The modeling methodology presented here develops a multiscale and multiphysics model for predicting the performance of complex networks of droplet interface bilayer membranes. The hierarchical multiscale modeling scheme developed in this work is an appropriate method for simulating these advanced applications of the cellularly inspired material and aids in illustrating the potential of the cellularly inspired material.

This model was validated against experimental results. The results were presented as traditional current-voltage relationships appropriate for the experimental design; however, the model also takes into account underlying ion concentration shifts and exchanges between the droplets. The model was then extended to an ion-sorting case employing selective channels, showing how an applied electrical stimulus may be translated into changes in the droplet chemical compositions if the characteristic droplet dimensions are reduced. The revised model allows for the incorporation of chemical and mechanical inputs in addition to the standard electrical inputs, and the modeling methodology seen here will be useful for simulating DIB network behavior outside of the laboratory.

APPENDIX: EXPERIMENTAL

Networks of droplet interface bilayers⁶ were constructed using a machined acrylic-glass egg-crate substrate, allowing the droplets to settle into predefined locations and form fluidic networks at their points of contact.⁷ The substrate was CNC machined from acrylic glass (Optix, Plaskolite), selected for its translucency and hydrophobicity. The crate substrate consists of two portions, an oil well and a network of smaller individual crates. The liposome-containing solution was created with a 500 mM KCl solution (Sigma Aldrich), 10 mM MOPS (Sigma Aldrich), and 2 mg/ml DPhPC (Avanti Polar Lipids). The liposomes were extruded through 0.1 μm filters to ensure uniform liposome size using the Avanti extrusion kit. These liposome-containing droplets were placed in a hexadecane oil bath (Sigma Aldrich) the crate substrate and allowed to rest separately for 3–5 min for the proper formation of lipid monolayers at the water-oil interface. These droplets were then brought into contact through micromanipulators (Siskiyou, Burleigh), and DIB networks were formed.

Alamethicin (Alm) was purchased from Cayman Chemicals and dissolved in ethanol (Sigma Aldrich) at 1 mg/ml. When droplets with the Alm biomolecules were required, 5 μl of the ethanol-Alm solution was added directly to 1 ml of the buffer solution containing dissolved phospholipids, resulting in a concentration of 5 μg/ml Alm in the lipid solution. When droplets containing the Alm biomolecules are connected to neighboring droplets, Alm inserts itself into the membrane and assembles a conductive voltage-gated pore.

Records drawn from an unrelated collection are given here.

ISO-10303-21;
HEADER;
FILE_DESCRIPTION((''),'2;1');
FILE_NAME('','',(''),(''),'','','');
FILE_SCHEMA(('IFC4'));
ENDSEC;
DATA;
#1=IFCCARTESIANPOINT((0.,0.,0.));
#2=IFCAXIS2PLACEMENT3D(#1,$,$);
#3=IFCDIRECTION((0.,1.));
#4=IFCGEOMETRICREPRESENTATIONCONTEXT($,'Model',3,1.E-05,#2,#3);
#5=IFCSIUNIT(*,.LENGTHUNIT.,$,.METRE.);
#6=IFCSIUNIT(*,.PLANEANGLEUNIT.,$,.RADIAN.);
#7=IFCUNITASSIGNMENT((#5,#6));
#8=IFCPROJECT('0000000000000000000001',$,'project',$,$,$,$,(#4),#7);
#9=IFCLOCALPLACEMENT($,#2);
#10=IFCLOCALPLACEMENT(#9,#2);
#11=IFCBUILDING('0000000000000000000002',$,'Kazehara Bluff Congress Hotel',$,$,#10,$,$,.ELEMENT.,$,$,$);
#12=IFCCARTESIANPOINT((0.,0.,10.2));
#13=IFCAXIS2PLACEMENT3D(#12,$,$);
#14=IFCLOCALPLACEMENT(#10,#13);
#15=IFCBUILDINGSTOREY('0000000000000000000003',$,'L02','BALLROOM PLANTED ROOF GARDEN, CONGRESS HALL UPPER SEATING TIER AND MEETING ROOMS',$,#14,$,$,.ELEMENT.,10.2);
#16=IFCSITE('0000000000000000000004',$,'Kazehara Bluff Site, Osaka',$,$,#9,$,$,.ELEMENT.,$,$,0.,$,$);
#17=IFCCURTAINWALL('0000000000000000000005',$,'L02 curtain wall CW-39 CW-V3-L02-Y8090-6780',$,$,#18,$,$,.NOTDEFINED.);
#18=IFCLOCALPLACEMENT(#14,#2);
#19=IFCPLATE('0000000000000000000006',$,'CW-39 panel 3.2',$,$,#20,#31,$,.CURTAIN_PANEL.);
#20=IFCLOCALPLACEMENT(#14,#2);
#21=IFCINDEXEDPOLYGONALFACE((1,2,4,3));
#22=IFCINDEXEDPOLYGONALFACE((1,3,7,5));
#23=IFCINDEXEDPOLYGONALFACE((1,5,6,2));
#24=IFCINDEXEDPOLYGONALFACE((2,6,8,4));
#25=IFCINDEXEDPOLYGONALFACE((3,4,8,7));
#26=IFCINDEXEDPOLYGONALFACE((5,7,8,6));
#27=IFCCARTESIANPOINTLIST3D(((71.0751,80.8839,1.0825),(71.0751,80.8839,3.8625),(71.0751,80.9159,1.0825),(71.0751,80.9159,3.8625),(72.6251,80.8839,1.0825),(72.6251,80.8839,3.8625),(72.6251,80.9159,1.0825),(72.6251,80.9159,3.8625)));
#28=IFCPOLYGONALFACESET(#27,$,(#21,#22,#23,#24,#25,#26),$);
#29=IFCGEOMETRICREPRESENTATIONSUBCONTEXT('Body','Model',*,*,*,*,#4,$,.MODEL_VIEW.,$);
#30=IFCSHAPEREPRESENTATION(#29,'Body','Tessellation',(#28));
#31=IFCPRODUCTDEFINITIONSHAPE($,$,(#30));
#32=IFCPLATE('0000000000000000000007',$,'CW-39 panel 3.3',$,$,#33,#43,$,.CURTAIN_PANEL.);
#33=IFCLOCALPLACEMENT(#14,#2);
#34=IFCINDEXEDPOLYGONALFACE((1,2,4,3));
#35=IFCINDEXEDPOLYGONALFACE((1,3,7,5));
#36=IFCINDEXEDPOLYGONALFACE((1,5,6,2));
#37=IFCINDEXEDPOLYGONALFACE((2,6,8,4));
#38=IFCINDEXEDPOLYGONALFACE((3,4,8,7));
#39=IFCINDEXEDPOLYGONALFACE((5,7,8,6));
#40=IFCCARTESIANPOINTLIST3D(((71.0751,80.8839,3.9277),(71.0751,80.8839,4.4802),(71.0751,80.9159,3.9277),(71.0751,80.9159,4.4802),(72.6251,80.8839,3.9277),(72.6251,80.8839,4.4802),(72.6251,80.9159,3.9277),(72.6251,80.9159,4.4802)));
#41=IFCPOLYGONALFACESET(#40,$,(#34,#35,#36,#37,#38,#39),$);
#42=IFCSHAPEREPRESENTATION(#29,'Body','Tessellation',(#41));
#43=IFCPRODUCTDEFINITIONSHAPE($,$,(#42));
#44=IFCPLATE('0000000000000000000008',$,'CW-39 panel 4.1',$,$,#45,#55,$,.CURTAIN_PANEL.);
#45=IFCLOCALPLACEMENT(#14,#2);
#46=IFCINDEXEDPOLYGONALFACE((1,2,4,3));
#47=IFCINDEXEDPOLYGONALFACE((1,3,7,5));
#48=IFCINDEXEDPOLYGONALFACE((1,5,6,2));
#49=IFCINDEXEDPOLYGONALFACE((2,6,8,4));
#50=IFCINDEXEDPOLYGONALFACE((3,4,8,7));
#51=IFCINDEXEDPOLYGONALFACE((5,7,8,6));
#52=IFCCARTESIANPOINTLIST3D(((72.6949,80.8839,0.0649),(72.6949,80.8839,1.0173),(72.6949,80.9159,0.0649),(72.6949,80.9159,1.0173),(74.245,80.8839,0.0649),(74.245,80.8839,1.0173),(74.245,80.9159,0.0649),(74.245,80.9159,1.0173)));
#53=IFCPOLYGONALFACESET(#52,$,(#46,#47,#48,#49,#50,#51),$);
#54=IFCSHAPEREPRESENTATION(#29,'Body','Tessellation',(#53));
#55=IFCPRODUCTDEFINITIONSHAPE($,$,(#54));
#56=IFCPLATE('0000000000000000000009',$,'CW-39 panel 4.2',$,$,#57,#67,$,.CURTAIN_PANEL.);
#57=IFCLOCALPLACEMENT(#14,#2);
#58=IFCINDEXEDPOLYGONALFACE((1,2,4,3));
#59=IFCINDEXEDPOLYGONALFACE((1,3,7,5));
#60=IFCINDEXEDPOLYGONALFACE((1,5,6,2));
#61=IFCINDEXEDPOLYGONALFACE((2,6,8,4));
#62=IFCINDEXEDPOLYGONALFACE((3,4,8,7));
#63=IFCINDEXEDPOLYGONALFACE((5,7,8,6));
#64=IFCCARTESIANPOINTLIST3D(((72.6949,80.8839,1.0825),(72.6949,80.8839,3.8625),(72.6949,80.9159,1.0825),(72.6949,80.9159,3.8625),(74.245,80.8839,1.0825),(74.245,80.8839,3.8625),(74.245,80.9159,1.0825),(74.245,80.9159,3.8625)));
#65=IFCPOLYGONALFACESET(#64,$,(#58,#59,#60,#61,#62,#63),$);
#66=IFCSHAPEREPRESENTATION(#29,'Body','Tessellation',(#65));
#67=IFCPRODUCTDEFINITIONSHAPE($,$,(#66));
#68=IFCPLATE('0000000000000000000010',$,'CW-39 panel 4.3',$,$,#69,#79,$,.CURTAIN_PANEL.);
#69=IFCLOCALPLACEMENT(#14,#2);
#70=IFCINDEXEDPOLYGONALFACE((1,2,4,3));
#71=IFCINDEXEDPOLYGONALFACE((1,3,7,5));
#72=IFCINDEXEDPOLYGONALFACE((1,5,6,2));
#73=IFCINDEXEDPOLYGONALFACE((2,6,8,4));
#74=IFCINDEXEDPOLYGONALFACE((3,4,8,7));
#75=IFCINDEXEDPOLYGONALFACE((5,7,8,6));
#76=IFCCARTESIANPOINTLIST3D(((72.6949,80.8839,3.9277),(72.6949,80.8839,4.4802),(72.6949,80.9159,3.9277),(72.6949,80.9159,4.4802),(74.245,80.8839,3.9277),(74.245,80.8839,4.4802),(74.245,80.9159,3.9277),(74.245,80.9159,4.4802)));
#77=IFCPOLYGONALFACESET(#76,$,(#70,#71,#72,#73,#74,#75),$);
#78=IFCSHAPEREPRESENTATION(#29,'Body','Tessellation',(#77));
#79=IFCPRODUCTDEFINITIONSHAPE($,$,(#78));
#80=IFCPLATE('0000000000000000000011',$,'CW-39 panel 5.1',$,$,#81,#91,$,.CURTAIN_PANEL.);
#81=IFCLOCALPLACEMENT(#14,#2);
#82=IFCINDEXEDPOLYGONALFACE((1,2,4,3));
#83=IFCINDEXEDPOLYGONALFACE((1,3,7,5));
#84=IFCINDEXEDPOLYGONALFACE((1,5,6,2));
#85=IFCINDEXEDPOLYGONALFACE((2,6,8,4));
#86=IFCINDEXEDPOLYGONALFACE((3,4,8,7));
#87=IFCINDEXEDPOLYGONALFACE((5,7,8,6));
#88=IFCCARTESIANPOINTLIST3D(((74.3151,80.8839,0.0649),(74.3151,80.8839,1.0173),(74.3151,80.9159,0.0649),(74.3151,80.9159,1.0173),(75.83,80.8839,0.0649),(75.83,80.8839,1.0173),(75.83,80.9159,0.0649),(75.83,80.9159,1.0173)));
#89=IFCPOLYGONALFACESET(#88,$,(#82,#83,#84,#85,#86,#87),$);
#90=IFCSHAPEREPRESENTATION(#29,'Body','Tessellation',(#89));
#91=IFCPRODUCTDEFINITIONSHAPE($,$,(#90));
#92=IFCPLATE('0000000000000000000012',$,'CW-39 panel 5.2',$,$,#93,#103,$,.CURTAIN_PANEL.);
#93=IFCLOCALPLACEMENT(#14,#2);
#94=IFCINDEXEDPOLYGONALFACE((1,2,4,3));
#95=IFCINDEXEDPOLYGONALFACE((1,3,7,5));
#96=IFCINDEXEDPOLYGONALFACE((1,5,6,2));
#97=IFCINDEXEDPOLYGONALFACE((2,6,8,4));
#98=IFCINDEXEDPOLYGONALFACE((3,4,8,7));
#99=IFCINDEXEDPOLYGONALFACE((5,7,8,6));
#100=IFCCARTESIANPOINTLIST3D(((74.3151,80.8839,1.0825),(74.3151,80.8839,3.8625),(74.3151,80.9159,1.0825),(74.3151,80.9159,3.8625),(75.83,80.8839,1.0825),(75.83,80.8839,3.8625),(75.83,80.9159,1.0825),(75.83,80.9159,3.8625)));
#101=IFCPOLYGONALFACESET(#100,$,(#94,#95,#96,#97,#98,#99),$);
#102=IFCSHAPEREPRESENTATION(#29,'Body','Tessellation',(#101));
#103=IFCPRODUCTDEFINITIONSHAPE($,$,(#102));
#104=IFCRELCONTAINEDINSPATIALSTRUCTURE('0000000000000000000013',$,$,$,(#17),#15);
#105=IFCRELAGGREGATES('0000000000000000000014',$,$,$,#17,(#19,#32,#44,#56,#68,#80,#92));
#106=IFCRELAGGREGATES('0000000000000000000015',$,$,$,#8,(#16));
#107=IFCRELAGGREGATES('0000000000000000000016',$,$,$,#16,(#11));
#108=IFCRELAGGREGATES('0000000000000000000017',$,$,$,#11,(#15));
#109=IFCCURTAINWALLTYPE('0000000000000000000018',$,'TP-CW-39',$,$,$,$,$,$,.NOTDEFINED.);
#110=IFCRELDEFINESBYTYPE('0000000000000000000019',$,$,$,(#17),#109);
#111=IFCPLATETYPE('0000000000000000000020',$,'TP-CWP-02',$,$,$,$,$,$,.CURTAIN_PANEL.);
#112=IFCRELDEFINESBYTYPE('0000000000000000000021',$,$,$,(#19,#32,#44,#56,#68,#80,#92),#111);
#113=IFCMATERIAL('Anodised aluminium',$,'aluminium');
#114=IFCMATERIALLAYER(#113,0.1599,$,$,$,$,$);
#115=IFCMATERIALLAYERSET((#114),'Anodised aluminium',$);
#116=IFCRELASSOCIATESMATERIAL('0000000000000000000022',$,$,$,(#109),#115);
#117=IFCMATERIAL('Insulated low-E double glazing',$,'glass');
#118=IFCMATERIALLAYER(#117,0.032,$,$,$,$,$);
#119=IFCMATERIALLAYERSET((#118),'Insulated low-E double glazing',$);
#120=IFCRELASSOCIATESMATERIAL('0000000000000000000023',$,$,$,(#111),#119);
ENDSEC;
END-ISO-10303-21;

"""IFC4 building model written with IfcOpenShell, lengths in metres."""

from ifc_helpers import new_model, si_unit, direction, frame, origin, origin_2d, place, context, subcontext, project, spatial, rectangle, extrude, material, layer, layer_set, type_object, element, aggregate, save


model = new_model("IFC4")

# Units and contexts
model_context = context("Model", 3, precision=1e-05, world=origin(), true_north=direction((0.0, 1.0)))
body_context = subcontext(model_context, "Body", "Model", "MODEL_VIEW")
ifc_project = project(units=[si_unit("LENGTHUNIT", "METRE"), si_unit("PLANEANGLEUNIT", "RADIAN")], contexts=[model_context])

# Site, building, storey
site_placement = place(None, origin())
site = spatial("IfcSite", under=ifc_project, at=site_placement, Name="Kazehara Bluff Site, Osaka", CompositionType="ELEMENT", RefElevation=0.0)
building_placement = place(site_placement, origin())
building = spatial("IfcBuilding", under=site, at=building_placement, Name="Kazehara Bluff Congress Hotel", CompositionType="ELEMENT")
storey_placement = place(building_placement, frame((0.0, 0.0, 10.2)))
storey = spatial("IfcBuildingStorey", under=building, at=storey_placement, Name="L02", Description="BALLROOM PLANTED ROOF GARDEN, CONGRESS HALL UPPER SEATING TIER AND MEETING ROOMS", CompositionType="ELEMENT", Elevation=10.2)

# Curtain wall, plates
ifc_material_1 = material(Name="Anodised aluminium", Category="aluminium")
ifc_layer_1 = layer(ifc_material_1, 0.1599)
ifc_layer_set_1 = layer_set([ifc_layer_1], Name="Anodised aluminium")
curtain_wall_type = type_object("IfcCurtainWallType", Name="TP-CW-39", PredefinedType="NOTDEFINED", material=ifc_layer_set_1)
curtain_wall_placement = place(storey_placement, origin())
curtain_wall = element("IfcCurtainWall", 1, at=curtain_wall_placement, inside=storey, type_object=curtain_wall_type, Name="L02 curtain wall CW-39 CW-V3-L02-Y8090-6780", PredefinedType="NOTDEFINED")
ifc_material_2 = material(Name="Insulated low-E double glazing", Category="glass")
ifc_layer_2 = layer(ifc_material_2, 0.032)
ifc_layer_set_2 = layer_set([ifc_layer_2], Name="Insulated low-E double glazing")
plate_type = type_object("IfcPlateType", Name="TP-CWP-02", PredefinedType="CURTAIN_PANEL", material=ifc_layer_set_2)
plate_1_placement = place(storey_placement, frame((71.8501, 80.8999, 1.0825), z_axis=(0.0, 0.0, 1.0), x_axis=(1.0, 0.0, 0.0)))
plate_1 = element("IfcPlate", 2, at=plate_1_placement, type_object=plate_type, Name="CW-39 panel 3.2", PredefinedType="CURTAIN_PANEL", context=body_context, shape_type="SweptSolid", body=[
    extrude(rectangle(XDim=1.55, YDim=0.032, at=origin_2d()), origin(), (0.0, 0.0, 1.0), 2.78),
])
plate_2_placement = place(storey_placement, frame((71.8501, 80.8999, 3.9277), z_axis=(0.0, 0.0, 1.0), x_axis=(1.0, 0.0, 0.0)))
plate_2 = element("IfcPlate", 3, at=plate_2_placement, type_object=plate_type, Name="CW-39 panel 3.3", PredefinedType="CURTAIN_PANEL", context=body_context, shape_type="SweptSolid", body=[
    extrude(rectangle(XDim=1.55, YDim=0.032, at=origin_2d()), origin(), (0.0, 0.0, 1.0), 0.5525),
])
plate_3_placement = place(storey_placement, frame((73.47, 80.8999, 0.0649), z_axis=(0.0, 0.0, 1.0), x_axis=(1.0, 0.0, 0.0)))
plate_3 = element("IfcPlate", 4, at=plate_3_placement, type_object=plate_type, Name="CW-39 panel 4.1", PredefinedType="CURTAIN_PANEL", context=body_context, shape_type="SweptSolid", body=[
    extrude(rectangle(XDim=1.55, YDim=0.032, at=origin_2d()), origin(), (0.0, 0.0, 1.0), 0.9524),
])
plate_4_placement = place(storey_placement, frame((73.47, 80.8999, 1.0825), z_axis=(0.0, 0.0, 1.0), x_axis=(1.0, 0.0, 0.0)))
plate_4 = element("IfcPlate", 5, at=plate_4_placement, type_object=plate_type, Name="CW-39 panel 4.2", PredefinedType="CURTAIN_PANEL", context=body_context, shape_type="SweptSolid", body=[
    extrude(rectangle(XDim=1.55, YDim=0.032, at=origin_2d()), origin(), (0.0, 0.0, 1.0), 2.78),
])
plate_5_placement = place(storey_placement, frame((73.47, 80.8999, 3.9277), z_axis=(0.0, 0.0, 1.0), x_axis=(1.0, 0.0, 0.0)))
plate_5 = element("IfcPlate", 6, at=plate_5_placement, type_object=plate_type, Name="CW-39 panel 4.3", PredefinedType="CURTAIN_PANEL", context=body_context, shape_type="SweptSolid", body=[
    extrude(rectangle(XDim=1.55, YDim=0.032, at=origin_2d()), origin(), (0.0, 0.0, 1.0), 0.5525),
])
plate_6_placement = place(storey_placement, frame((75.0725, 80.8999, 0.0649), z_axis=(0.0, 0.0, 1.0), x_axis=(1.0, 0.0, 0.0)))
plate_6 = element("IfcPlate", 7, at=plate_6_placement, type_object=plate_type, Name="CW-39 panel 5.1", PredefinedType="CURTAIN_PANEL", context=body_context, shape_type="SweptSolid", body=[
    extrude(rectangle(XDim=1.5149, YDim=0.032, at=origin_2d()), origin(), (0.0, 0.0, 1.0), 0.9524),
])
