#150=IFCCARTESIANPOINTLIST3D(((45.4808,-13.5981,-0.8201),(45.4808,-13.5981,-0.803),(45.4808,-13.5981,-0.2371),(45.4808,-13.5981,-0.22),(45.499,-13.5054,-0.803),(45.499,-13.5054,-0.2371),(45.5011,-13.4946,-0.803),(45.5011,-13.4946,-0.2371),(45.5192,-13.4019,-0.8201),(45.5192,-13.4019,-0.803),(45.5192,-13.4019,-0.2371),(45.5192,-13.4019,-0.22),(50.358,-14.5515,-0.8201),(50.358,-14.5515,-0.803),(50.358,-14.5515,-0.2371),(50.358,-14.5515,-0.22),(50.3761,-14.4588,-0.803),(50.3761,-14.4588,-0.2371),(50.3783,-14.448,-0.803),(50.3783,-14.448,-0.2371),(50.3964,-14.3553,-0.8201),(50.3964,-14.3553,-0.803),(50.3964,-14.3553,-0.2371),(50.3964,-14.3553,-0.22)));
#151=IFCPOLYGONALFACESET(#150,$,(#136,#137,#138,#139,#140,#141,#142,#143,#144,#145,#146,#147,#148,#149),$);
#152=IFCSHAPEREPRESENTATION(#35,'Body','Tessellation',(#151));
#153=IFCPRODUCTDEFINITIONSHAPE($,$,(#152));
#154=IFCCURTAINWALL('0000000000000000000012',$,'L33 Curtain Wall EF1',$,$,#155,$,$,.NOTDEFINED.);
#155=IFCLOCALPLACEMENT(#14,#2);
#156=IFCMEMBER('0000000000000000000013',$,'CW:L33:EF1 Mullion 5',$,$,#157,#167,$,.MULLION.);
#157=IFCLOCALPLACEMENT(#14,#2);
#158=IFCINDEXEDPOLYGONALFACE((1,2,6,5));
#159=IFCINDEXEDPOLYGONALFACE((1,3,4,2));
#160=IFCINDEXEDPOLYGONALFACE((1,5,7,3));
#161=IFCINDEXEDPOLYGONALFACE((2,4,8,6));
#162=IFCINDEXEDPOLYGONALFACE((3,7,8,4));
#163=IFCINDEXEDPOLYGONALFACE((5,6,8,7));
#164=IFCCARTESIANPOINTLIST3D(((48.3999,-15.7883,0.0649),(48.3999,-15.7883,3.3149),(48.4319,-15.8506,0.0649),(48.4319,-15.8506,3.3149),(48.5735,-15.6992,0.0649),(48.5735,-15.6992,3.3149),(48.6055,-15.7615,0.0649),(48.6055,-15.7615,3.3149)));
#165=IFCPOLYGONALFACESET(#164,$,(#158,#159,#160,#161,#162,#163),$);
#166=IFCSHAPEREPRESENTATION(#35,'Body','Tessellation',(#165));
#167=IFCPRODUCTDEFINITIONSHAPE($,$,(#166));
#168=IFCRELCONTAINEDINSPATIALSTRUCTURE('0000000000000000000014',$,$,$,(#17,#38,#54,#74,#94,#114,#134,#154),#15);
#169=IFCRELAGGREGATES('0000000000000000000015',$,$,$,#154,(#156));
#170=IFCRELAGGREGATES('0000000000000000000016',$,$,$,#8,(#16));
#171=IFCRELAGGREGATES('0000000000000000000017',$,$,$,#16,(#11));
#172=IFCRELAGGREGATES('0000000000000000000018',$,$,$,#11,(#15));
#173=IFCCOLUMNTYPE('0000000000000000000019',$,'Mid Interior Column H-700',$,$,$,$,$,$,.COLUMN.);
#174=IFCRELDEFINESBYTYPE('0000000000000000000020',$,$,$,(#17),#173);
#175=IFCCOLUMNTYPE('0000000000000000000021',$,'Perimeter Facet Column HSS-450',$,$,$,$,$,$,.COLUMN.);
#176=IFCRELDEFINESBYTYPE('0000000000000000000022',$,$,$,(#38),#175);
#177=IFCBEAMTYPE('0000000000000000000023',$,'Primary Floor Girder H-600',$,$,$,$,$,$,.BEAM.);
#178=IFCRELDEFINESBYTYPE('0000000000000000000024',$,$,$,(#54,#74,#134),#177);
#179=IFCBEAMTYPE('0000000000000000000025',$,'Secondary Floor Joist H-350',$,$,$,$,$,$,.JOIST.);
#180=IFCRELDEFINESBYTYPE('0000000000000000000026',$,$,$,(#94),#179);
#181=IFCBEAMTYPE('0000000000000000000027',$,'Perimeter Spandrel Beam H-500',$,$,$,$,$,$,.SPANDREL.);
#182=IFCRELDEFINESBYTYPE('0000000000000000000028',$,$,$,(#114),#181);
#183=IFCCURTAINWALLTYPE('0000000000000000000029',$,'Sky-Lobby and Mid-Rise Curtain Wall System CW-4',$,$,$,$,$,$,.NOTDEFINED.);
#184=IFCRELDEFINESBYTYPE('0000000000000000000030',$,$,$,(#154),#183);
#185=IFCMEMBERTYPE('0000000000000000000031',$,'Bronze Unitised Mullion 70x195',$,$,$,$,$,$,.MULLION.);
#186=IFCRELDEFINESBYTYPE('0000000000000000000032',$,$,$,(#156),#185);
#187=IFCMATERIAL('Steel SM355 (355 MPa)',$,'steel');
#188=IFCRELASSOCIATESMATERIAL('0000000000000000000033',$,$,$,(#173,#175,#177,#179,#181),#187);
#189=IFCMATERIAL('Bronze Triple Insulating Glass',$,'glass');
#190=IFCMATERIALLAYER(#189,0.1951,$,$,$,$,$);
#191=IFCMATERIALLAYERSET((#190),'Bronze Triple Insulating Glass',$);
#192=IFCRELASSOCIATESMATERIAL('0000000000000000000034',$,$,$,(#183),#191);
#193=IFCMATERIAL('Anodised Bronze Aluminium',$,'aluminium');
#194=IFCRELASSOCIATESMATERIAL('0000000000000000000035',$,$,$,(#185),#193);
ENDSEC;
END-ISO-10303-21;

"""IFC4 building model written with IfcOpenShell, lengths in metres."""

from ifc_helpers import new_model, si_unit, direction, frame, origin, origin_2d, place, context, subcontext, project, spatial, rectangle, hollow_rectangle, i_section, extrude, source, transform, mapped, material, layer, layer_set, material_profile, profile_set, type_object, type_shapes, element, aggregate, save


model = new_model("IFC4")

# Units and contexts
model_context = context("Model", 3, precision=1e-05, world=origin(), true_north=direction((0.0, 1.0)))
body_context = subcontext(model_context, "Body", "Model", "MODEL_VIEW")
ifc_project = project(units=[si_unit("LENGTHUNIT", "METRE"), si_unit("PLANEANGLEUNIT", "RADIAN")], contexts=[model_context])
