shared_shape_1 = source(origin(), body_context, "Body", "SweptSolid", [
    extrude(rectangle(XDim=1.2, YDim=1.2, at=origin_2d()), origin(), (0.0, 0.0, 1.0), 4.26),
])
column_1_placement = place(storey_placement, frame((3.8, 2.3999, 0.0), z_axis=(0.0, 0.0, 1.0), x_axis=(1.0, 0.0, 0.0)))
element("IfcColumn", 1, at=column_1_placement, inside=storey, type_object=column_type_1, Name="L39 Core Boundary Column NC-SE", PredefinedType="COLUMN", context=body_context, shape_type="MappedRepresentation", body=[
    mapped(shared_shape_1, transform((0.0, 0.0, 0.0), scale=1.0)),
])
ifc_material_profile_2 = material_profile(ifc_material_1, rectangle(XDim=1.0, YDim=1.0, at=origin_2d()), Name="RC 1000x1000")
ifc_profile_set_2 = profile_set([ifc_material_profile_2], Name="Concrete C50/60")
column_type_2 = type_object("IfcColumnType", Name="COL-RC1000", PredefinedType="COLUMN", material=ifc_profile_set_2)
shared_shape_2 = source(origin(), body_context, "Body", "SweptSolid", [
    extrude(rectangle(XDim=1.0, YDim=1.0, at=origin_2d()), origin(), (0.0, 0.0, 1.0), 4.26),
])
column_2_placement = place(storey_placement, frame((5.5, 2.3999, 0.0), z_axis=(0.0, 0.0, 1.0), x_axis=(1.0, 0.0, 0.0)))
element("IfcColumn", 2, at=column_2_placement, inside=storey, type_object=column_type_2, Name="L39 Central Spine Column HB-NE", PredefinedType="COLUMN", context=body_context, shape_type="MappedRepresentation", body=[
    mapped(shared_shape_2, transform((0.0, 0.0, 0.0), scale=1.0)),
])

The current was supplied and measured by an Axopatch 200B (Molecular Devices), connected to an arbitrary function generator (Agilent, 33220A), and acquired through a Digidata 1440A (Molecular Devices). Measurements are taken on a vibration isolation stage (Vision IsoStation, Newport), and the experiment is performed under a fixed-stage brightfield microscope (Zeiss Axioskop). Pictures are taken through an attached axiocam (Zeiss).

Electrodes were created using a 40% weight/volume PEG-DMA hydrogel (Polysciences, Inc.), combined with Irgacure (O-BASF) and a 500 mM KCl solution (Sigma Aldrich) with 10 mM MOPS pH buffer (Sigma Aldrich). 1 mm borosilicate glass capillary tubes (World Precision Instruments) were filled with this hydrogel solution using 34 G microfils (World Precision Instruments), and silver/silver-chloride (Ag/AgCl) electrodes were embedded inside the uncured hydrogel. The hydrogel was then cured with a UV light emitting diode (LED), fixing the Ag/AgCl electrodes into place. Droplets of the liposome-containing aqueous solution may then be suspended from the extruded hydrogel at the tip of the capillary tubes attached to the micromanipulators within the oil reservoir, allowing for mechanically controllable droplets with embedded electrodes for electrical measurements.